# My 2009 Fuji Team Road Bike



## TheDarkAce (Jun 15, 2008)

Finally got her put together from my local LBS. I think she looks pretty good. Have not had a chance to ride her yet due to the weather. But as soon as it gets sunny we are on the road. Comments welcome. Ride on.

Specs: 

3T handlebar, stem, and seatpost
San Marco Aspide Lorica saddle
Forte Groupo (carbon brifters and rear derailleur)
Yakazuma cables
FSA SLK Compact Carbon Crankset
Synergy PBO Carbon Clinchers
Conti GP 4000 tires
Cinelli bar tape
Ultegra SL brakeset
Crank Brothers Candy SL


----------



## raymond7204 (Sep 22, 2008)

Looks nice.

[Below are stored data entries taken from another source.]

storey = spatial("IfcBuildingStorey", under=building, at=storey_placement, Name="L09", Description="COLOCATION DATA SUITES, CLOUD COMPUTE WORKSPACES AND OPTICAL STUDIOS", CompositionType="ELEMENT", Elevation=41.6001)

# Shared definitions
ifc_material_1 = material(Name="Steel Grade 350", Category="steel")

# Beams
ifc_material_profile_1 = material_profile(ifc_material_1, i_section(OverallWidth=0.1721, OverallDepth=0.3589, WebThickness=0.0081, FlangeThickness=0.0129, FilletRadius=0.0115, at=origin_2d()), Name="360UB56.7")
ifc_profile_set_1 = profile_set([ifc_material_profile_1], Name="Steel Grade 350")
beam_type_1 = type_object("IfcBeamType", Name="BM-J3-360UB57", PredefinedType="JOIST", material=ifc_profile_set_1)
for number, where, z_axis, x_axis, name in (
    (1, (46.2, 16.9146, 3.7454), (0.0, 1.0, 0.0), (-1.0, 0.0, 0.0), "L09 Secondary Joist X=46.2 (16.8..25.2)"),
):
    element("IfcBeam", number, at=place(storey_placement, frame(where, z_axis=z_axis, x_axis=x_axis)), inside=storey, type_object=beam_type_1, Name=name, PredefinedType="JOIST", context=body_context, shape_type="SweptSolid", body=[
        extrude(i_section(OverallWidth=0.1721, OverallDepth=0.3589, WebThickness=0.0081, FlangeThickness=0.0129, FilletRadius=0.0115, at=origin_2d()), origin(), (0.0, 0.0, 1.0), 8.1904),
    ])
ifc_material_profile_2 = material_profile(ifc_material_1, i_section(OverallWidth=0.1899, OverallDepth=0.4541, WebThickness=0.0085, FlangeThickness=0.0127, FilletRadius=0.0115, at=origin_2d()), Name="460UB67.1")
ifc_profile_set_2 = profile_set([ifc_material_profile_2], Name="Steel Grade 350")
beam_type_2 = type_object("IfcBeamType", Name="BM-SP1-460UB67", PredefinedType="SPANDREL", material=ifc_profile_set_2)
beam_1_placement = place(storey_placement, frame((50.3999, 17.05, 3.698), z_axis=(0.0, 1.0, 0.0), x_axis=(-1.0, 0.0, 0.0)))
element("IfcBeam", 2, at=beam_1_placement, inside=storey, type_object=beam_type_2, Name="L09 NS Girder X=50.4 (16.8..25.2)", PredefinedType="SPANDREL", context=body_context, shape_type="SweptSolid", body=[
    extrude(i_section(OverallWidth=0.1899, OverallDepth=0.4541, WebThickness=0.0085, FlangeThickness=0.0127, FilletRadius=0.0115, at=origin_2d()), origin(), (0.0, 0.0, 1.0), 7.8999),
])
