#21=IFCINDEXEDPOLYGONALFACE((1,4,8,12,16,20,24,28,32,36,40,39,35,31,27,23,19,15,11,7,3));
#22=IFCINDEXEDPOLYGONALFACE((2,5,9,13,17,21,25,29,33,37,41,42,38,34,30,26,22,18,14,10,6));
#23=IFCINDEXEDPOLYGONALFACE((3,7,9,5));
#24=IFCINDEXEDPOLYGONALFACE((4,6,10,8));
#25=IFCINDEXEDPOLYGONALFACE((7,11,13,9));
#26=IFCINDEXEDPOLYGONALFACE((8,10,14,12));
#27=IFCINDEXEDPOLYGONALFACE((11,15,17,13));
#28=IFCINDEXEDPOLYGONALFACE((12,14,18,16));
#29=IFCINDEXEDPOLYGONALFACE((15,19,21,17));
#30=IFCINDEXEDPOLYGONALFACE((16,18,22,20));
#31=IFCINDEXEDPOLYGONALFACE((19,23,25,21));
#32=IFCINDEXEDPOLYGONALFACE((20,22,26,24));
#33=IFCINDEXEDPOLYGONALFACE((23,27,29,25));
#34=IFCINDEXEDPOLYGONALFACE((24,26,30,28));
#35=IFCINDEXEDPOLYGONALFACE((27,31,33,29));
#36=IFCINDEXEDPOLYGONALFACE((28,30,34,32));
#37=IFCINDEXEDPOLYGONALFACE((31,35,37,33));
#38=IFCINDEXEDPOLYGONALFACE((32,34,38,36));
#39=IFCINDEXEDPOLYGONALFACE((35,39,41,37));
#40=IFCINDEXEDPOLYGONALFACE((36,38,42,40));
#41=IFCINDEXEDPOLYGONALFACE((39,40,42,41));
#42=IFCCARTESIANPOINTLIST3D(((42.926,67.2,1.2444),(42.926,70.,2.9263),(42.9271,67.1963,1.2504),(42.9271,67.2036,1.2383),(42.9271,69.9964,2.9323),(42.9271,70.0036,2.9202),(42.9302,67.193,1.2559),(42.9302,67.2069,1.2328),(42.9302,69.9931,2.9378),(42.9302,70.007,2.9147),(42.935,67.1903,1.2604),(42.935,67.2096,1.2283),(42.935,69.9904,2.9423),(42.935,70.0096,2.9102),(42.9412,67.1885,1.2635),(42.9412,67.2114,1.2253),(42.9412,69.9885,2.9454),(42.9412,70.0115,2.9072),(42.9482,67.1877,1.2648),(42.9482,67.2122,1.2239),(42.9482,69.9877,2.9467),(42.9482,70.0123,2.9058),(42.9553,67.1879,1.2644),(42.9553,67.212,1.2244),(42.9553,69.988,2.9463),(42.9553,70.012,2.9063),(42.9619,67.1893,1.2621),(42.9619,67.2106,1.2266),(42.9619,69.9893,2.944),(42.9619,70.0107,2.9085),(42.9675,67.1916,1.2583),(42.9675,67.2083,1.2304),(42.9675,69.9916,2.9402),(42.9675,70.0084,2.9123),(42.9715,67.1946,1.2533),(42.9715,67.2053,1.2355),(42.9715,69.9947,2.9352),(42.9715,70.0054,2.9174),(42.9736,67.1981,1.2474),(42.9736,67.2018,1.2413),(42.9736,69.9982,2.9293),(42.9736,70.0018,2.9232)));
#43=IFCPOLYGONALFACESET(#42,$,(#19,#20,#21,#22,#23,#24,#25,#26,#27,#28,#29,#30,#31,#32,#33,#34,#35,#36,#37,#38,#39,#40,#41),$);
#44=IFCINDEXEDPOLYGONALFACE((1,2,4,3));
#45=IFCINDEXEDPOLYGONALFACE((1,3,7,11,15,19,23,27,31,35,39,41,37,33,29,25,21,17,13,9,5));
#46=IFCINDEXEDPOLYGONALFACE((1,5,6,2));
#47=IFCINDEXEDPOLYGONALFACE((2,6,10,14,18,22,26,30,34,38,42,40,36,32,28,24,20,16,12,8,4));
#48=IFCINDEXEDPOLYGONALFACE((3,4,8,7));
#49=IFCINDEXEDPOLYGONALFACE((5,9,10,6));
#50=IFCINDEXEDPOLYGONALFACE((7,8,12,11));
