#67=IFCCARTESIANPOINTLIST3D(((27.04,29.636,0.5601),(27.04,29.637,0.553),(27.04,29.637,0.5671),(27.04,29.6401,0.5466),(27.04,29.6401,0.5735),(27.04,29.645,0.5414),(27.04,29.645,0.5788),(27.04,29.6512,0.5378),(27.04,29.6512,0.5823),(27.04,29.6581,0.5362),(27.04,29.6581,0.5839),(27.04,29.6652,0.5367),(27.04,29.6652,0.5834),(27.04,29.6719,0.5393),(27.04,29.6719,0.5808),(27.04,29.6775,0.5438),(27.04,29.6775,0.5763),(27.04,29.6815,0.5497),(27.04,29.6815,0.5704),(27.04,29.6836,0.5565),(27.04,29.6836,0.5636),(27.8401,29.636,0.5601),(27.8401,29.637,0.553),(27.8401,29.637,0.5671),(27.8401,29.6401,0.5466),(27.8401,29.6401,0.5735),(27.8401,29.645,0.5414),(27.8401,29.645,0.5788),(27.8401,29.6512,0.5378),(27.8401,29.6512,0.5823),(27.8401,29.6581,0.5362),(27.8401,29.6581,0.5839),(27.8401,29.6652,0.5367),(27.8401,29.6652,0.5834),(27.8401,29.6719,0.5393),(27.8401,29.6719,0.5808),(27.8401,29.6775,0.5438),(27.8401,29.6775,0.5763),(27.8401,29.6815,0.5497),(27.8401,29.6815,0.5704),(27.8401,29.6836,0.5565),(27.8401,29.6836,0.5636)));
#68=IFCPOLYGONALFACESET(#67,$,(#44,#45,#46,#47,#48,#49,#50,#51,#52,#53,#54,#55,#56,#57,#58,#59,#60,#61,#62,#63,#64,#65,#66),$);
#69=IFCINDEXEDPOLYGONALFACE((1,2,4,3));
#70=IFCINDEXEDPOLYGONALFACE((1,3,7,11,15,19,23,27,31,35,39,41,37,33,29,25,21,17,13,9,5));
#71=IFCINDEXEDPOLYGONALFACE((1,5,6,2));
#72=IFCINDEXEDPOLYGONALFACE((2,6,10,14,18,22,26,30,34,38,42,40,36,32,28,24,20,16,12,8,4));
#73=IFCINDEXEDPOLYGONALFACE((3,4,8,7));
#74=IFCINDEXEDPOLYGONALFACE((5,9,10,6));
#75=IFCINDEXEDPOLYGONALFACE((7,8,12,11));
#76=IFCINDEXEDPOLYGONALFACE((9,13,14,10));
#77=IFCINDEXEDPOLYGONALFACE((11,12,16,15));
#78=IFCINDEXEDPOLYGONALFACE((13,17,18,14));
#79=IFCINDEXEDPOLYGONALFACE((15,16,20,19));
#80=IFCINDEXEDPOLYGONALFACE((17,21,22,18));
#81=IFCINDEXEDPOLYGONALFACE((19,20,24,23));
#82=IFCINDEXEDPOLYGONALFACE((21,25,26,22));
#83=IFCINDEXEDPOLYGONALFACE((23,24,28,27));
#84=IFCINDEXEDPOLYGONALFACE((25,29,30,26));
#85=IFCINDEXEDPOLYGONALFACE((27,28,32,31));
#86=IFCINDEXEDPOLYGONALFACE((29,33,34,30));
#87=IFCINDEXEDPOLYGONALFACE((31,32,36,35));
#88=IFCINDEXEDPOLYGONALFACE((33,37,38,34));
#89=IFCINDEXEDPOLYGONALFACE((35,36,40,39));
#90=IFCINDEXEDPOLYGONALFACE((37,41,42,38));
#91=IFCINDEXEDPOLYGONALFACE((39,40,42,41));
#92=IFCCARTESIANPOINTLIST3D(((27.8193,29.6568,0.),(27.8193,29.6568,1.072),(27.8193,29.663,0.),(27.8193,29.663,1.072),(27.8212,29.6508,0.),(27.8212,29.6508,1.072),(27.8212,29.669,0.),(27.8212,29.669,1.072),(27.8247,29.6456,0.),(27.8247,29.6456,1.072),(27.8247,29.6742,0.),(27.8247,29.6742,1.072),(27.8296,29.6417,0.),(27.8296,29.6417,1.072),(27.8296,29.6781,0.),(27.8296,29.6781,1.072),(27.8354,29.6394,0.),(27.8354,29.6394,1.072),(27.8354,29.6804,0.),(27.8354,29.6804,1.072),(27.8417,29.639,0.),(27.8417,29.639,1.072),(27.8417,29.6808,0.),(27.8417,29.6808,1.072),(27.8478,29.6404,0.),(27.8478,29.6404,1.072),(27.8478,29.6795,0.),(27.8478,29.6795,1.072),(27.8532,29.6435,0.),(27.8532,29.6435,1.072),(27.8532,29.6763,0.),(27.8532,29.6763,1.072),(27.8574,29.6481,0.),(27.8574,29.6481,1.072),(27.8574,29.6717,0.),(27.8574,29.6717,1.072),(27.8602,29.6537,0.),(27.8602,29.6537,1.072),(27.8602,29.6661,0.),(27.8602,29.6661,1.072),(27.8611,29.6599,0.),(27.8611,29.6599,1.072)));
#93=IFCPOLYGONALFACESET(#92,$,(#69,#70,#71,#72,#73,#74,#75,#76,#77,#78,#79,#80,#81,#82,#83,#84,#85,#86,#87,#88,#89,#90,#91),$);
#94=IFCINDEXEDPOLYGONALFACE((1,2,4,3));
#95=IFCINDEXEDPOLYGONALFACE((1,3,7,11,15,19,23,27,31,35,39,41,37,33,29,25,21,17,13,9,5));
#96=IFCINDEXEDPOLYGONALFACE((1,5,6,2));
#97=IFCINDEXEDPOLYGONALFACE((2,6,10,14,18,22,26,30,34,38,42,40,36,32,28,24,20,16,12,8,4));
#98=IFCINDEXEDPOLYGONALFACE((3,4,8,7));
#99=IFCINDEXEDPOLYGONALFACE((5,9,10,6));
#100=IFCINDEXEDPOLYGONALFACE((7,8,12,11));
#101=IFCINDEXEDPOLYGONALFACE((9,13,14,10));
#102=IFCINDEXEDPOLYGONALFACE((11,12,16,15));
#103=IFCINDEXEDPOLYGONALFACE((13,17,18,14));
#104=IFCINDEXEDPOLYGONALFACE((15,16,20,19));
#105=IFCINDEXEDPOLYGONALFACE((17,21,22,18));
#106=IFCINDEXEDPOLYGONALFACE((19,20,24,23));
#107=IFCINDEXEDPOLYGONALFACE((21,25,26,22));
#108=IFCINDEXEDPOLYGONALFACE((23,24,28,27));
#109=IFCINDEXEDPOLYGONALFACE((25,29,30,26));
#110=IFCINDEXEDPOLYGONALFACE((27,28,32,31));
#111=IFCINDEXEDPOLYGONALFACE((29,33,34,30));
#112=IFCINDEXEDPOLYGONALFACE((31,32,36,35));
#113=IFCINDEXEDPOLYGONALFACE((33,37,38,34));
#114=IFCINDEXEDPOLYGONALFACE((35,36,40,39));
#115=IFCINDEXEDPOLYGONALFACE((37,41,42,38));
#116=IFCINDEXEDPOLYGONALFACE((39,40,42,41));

I'm REALLY curious as to how well the Forte group works.

I've been considering using that group for a second bike, but am hesitant until I learn more.

Ray


----------



## broschb (Jun 22, 2008)

*Love it*

Please post a review on the forte components as well, I have seen them and wondered about them as well. But they look nice.


----------



## dmanmar (Nov 20, 2009)

*Nice setup!*

Wow! That almost looks similar to my bike with the spinergy wheels. Hope you don't mind me posting a pic of mine on your thread. That's if I can get the picture part right. :mad2:


----------



## TheDarkAce (Jun 15, 2008)

dmanmar said:


> Wow! That almost looks similar to my bike with the spinergy wheels. Hope you don't mind me posting a pic of mine on your thread. That's if I can get the picture part right. :mad2:


I like it. I always wondered how my bike would look with blue bar tape. Could be an option once the white bar tape gets too dirty. What groupo you using? Ride on.


----------



## TheDarkAce (Jun 15, 2008)

broschb said:


> Please post a review on the forte components as well, I have seen them and wondered about them as well. But they look nice.


Completed my first 15 mile ride with the new bike. The Forte groupo felt very solid with really smooth shifting. I had Ultegra before on my Cannondale road bike and the Forte seems to be just as precise. Tried shifting while climbing to see if there would be any jump and it was still smooth and quiet. The triggers takes a little getting used to but using two fingers to up or down shift makes it really easy. Shifting from small ring to big ring on the front went without a hitch and was quite smooth. The ability to trim is a plus. Now the only question is the durabillity. Only time and many more miles will tell. Will keep you all posted. For the price point of this groupo compared to Shimano Ultegra, looks like a winner. Ride on.


----------



## dmanmar (Nov 20, 2009)

I have a mix of 105/Ultegra/FSA. I wanted to go with the white tape at 1st, but the LBS didn't have it. I will buy some Fizik white handlebar tape this summer. Also got a new carbon fiber stem and CF stem cap on ebay. Just waiting for that thing to come in the mail.

I'm glad to hear that the forte group is working out.


----------



## iluvsette (Mar 20, 2010)

*2008 Fuji Team*

I just purchased a 2008 Fuji Team new in box bike. The price was great and I couldn't pass it up. Can't wait to get on a carbon bike. Hope it gets here before next week cause we are doing a 60 miler in the mountains! Oh yeah!


----------